You Aren’t Quite in Step!

She spoke no angry words. Her replies sounded effortless. Why then this awkward restlessness? Why did I try to get away from asking more personal questions and why did even a pause in what she spoke summon another droplet of agonising sweat and add to my uneasiness? Anyway, the good thing is that she is far away right now and so could not possibly have even sensed the turmoil that I had been experiencing on the telephone. “Why am I feeling so ill at ease today?” asked Kokila as she came in and sat on the bed opposite me, and then as if she remembered a long lost detail, urged me on with another query, “Who were you talking to...?” “Water...glass of water...,” I managed to speak through my dried up lips. Kokila again heaved herself from the bed with what seemed to be a lot of effort, and slowly swayed towards the kitchen. That gave me some more time with my own thoughts. Not that my wife ever tries to interfere when she senses that I am with my thoughts...but with uncomfortable thoughts like the ones that are with me now, her presence would not only add to their intensity but would tend to come out in the form of a discussion. That would surely cause physical pain. I didn’t want that to happen. Thoughts such as these must exist only as thoughts. I did not want to share them with my wife too. “You are not well... you were saying...,” I started asking as Kokila returned with the much needed glass of water. “Nothing really,” she replied as she once again settled herself comfortably on the edge of the bed diagonally opposite to where I sat. There was silence. That is how it always has been between the two of us. Nothing unusual, I thought, I must quickly find words to fill the distance and that would keep her busy.

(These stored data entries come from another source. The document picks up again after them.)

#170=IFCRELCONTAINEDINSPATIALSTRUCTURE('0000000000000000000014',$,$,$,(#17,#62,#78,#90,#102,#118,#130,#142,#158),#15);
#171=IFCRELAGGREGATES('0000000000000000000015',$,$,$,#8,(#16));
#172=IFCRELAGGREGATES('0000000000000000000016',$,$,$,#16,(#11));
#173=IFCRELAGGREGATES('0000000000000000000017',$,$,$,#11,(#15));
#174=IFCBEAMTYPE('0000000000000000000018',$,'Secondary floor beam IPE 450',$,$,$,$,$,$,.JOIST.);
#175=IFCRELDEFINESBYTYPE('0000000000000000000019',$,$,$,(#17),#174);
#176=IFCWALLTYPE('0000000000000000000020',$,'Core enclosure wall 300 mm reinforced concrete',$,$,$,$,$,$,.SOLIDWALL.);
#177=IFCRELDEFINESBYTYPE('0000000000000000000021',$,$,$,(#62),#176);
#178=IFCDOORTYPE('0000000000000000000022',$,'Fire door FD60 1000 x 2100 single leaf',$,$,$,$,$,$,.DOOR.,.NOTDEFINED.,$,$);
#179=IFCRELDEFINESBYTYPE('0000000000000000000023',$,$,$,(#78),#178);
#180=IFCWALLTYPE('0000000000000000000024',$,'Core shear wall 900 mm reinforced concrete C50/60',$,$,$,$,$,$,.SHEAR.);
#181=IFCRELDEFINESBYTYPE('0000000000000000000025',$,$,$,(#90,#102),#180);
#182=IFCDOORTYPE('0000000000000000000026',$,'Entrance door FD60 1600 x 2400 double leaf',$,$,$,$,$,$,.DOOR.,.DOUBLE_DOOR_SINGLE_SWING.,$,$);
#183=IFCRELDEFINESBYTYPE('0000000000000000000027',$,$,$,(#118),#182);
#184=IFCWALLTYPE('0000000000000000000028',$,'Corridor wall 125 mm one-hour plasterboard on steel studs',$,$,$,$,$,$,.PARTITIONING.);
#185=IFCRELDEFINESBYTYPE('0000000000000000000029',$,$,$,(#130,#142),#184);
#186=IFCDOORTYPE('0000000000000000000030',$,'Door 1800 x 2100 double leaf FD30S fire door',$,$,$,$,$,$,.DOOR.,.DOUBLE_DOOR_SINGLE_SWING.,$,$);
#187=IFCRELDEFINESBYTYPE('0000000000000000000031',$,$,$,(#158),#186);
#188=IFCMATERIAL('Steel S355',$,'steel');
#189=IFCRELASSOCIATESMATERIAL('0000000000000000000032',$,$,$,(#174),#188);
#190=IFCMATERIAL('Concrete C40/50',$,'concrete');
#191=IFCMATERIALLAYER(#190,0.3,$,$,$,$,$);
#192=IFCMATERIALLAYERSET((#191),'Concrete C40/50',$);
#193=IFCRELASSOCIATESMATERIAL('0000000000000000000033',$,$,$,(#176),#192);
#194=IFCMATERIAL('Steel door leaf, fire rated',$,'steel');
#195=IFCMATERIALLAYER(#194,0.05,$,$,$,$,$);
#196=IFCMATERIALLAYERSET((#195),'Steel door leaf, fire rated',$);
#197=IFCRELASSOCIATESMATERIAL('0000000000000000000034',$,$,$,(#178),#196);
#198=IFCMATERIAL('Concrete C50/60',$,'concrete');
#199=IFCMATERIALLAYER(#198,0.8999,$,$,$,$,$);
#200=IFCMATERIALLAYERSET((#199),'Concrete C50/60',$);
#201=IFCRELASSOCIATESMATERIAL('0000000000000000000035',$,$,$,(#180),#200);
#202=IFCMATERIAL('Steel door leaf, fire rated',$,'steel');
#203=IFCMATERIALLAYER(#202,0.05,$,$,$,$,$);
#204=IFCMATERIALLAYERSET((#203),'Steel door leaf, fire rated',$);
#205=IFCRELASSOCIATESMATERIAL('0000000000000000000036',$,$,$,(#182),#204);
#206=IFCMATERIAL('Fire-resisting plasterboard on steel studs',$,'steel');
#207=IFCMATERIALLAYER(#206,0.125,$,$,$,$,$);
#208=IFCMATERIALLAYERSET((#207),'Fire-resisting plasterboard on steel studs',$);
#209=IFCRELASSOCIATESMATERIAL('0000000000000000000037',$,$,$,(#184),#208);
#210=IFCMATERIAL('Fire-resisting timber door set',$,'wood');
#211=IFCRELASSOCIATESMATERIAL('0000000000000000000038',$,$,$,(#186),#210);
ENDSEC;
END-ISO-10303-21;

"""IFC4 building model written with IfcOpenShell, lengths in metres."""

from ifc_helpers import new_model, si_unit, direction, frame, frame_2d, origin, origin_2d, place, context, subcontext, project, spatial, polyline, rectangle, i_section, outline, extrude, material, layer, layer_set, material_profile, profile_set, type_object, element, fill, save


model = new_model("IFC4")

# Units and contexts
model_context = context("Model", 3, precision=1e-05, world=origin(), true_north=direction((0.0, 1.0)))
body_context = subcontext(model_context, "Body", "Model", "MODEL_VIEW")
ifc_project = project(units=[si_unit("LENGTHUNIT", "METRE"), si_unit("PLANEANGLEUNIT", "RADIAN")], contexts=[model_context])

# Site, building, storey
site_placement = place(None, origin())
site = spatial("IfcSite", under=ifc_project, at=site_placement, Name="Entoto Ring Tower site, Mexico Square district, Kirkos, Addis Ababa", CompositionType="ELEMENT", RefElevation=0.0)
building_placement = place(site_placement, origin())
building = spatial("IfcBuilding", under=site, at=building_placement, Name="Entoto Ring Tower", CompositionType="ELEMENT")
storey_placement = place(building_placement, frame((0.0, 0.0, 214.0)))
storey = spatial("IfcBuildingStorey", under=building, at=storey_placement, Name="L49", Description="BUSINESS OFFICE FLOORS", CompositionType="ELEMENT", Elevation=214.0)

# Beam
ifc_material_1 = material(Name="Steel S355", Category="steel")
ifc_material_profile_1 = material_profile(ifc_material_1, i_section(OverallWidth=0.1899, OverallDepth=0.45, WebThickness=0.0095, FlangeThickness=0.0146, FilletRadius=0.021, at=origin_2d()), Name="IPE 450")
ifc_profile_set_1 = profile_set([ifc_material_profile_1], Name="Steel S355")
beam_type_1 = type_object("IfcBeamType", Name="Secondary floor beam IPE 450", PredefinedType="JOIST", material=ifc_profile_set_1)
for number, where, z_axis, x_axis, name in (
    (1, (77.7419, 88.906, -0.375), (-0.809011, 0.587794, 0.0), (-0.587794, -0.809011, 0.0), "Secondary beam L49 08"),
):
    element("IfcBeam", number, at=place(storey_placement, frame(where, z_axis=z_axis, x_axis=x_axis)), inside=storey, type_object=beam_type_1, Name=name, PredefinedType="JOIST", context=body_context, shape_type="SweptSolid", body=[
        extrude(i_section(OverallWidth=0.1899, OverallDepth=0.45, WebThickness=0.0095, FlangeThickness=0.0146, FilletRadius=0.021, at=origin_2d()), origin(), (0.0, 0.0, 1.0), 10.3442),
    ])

Though she would do that by nodding a lot and getting up to fetch me another glass of water. I know it as it has happened with me every time we have been left to ourselves in a small room. My expression must have changed for I could observe Kokila on the verge of starting her nodding exercise...it must have surely been a smile for her head was starting to tilt a bit 1

towards the right. Forty-two years of life together makes understanding each other so easy! “Ti was on the phone,” I said, “and we have chatted for a long time after a long time.” Whenever I used such phrases, I felt eager to use more of them, and so continued, “I was telling her how well I was smelling new ideas for short-stories these days...and new ideas of telling the...,” I paused for Kokila to begin nodding, “compelling realities of life. She did not speak much, but then how could she? She is a guest there and must take care not to talk much. Though I did ask her how Bahenji was now. She is not very well and was asleep. Maybe that is why Ti was not speaking so much...” “You were talking to Arundhati.” “Yes.” It always surprises me how easily my wife understands what I intend to tell her. Somehow, the staff at office never...they must be pretending not to understand me. That is the way things go on in government offices here. So I continued with what I was saying, “It is good that I have retired after all these years. God’s grace is with us. I have started earning money even out of writing now. No, we were not able to talk about the volume of shortstories that I presented to her...” “She is at Bakrola.” Kokila enquired, steadying her nods for a moment. “Bakrola? Yes, yes, she is there for the weekend...and I must say, I like the way you ask your questions. That is an art. We should all learn to ask without making it sound like a query and the other person must answer as if a query has been put. Yes, it is indeed very artful.” I paused to reconsider what I was saying and what I wanted to assert, and continued, “We must plan a visit to Bahenji’s house in a day or two. She is not well and may need my advice...and your presence,” I added. At this, as if it was a cue for her to get up, Kokila heaved herself from her comfort so I accelerated my request, “No, I don’t think I need any more water right now.” I closed my eyes, silently chanted thrice the mantra given to me by my guru and then told myself firmly not to be so free with such requests at such moments. I did want to be left alone with my rambles into my own plans so even those few shuffled instants would have helped.